Shortly after, an ARTFORUM about AGE from 1988 turned up in a box during a move by a friend who worked on it. Its cover is an odd combination of barbed wire, rainbow-monolith font, and the letters A, G, and E on top of their mirror images. Hmmm. I was 23 in ’88. How dated the 80s looked as I passed it around for about a month before I realized ARTFORUM’s editors had inserted a reproduction of the first issue, published in 1962, inside. “AGE? Why age?” the contributors asked in the 80s, outraged, and addressed instead the Age of Excess and the Age of Celebrity, or video’s “coming of age.” This Emily Litella-like response is especially visible in the Guerilla Girls’ amicable interview printed surrounding their confrontational response poster.

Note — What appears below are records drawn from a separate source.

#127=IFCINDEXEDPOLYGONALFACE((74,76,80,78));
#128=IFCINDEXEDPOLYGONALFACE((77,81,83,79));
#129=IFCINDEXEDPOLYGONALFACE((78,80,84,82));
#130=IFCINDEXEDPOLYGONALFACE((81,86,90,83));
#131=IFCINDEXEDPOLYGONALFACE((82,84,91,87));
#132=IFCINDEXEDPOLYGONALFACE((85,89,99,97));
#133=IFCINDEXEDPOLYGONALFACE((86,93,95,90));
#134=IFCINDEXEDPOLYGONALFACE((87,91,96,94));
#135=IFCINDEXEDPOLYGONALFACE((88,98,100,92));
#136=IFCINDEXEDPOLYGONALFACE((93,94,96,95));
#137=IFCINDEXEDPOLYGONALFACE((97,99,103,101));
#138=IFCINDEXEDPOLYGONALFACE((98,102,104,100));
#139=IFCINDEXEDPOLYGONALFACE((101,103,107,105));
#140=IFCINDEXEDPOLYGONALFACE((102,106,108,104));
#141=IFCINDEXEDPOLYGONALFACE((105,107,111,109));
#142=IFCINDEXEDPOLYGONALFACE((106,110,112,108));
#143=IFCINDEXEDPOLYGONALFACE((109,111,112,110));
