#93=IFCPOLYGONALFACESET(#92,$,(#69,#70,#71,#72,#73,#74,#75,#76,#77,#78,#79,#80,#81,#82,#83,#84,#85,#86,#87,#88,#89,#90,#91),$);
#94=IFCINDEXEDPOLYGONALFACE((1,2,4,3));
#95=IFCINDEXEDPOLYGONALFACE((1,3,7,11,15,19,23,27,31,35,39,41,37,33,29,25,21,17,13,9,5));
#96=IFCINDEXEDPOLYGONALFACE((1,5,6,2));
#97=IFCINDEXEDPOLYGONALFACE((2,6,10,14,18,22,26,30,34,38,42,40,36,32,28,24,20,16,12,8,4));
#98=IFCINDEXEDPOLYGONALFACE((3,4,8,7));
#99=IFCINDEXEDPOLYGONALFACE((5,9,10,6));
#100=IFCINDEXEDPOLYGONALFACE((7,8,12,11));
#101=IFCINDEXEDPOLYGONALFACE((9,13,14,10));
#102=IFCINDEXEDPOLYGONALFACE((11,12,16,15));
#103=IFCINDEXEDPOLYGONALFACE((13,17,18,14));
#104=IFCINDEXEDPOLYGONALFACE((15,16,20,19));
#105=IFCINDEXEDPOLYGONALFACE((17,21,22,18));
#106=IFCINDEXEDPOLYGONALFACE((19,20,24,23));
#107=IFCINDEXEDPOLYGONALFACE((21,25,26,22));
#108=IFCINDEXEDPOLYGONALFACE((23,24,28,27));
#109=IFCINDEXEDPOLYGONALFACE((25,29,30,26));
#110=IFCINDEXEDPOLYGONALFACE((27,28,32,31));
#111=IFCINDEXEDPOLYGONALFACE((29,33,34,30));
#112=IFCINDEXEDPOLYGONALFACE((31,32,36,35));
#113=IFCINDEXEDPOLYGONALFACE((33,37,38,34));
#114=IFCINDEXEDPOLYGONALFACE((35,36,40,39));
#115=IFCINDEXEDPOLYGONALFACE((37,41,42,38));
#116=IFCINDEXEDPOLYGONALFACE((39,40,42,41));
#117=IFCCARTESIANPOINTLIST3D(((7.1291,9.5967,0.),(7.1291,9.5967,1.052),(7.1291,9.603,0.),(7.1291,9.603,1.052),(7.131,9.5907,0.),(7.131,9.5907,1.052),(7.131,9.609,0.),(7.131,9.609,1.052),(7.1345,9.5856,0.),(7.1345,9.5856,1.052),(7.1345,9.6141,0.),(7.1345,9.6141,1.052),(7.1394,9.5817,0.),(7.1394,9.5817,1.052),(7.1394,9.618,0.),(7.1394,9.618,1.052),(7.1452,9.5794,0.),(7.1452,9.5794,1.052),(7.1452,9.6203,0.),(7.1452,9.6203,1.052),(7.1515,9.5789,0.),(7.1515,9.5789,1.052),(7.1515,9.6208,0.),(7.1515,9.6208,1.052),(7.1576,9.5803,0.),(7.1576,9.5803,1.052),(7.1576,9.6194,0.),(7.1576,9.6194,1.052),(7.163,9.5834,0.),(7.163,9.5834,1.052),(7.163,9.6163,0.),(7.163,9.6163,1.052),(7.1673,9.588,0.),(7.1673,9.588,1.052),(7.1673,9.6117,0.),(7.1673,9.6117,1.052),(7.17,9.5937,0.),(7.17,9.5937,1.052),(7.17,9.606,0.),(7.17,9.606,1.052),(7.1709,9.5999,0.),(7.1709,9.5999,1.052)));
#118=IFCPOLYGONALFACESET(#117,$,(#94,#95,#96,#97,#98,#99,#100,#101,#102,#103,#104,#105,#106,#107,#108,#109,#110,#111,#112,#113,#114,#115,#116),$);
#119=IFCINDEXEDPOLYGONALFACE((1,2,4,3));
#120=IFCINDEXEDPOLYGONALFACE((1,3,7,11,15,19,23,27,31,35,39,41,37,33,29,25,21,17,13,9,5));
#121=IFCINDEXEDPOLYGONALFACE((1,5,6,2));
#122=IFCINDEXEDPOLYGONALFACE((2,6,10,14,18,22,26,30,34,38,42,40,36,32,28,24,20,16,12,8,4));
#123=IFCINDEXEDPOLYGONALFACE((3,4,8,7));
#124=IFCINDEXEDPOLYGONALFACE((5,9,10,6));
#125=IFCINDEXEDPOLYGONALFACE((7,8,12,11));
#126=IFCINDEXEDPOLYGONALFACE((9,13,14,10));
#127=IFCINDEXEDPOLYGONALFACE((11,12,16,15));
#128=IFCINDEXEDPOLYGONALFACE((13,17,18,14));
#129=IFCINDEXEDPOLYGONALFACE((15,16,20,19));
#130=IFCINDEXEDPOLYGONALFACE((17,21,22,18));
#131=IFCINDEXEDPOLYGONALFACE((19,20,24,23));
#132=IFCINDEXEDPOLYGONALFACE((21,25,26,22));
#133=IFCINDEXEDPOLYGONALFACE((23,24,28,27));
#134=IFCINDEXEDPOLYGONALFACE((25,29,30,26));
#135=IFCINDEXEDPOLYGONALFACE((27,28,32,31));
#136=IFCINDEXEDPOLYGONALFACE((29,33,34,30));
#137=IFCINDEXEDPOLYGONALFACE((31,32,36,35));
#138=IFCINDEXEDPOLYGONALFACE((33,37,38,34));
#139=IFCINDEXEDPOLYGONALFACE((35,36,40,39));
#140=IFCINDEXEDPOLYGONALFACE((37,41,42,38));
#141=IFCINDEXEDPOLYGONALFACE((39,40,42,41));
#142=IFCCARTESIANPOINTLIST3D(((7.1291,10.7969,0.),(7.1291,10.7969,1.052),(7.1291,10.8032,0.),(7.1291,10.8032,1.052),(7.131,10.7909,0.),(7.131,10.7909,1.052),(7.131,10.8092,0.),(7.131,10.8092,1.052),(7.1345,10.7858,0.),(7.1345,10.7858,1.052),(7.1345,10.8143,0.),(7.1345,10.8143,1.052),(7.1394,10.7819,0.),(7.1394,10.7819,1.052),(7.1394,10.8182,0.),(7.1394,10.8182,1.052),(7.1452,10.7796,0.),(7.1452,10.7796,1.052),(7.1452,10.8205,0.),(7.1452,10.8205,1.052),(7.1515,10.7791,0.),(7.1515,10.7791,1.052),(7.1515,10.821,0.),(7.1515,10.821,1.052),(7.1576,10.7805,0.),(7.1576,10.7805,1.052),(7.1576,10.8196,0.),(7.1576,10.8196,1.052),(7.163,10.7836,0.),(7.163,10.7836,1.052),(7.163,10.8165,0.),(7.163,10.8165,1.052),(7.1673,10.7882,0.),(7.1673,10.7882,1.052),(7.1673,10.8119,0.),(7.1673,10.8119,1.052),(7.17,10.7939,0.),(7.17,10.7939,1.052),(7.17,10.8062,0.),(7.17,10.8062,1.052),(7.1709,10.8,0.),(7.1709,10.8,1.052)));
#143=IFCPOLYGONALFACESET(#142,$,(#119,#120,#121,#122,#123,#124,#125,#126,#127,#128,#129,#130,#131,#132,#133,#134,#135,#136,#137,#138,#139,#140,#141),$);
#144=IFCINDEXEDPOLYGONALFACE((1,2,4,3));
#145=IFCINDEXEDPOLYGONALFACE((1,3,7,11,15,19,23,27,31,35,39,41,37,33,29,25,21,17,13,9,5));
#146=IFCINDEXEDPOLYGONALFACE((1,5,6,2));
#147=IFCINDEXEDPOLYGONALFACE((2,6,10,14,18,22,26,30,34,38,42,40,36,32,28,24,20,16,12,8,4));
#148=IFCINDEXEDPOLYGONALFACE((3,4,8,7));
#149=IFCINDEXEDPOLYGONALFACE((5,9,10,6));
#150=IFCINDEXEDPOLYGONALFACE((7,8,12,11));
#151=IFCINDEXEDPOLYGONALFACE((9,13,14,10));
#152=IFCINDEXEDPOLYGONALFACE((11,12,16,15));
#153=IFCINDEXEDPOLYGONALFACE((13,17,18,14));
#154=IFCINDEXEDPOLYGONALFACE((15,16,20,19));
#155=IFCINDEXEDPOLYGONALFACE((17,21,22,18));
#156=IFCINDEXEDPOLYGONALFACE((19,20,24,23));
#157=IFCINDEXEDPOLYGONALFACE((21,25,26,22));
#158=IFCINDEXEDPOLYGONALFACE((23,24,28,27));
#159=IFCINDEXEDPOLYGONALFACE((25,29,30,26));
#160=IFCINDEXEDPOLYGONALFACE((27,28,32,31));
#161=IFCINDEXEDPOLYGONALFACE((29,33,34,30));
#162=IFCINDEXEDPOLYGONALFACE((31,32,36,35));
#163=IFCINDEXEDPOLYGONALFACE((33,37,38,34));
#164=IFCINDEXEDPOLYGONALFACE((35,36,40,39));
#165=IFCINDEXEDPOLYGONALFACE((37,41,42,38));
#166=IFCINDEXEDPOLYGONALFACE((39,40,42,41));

The dance community has responded similarly to this invitation with angry missives and outrageous antics. A March 200 issue of The New Yorker surfaced with an extremely hi-speed Muybridge-like “Time Marches On” cartoon by Ian Falconer on its cover – the hapless primate is human ONLY BRIEFLY at around age 35, the joke appeared to be. New York magazine’s April 17 cover feature: “Washed up at 35!”

MRPJ#21 is dedicated to Richard Elovich, who started the Journal despite my whining.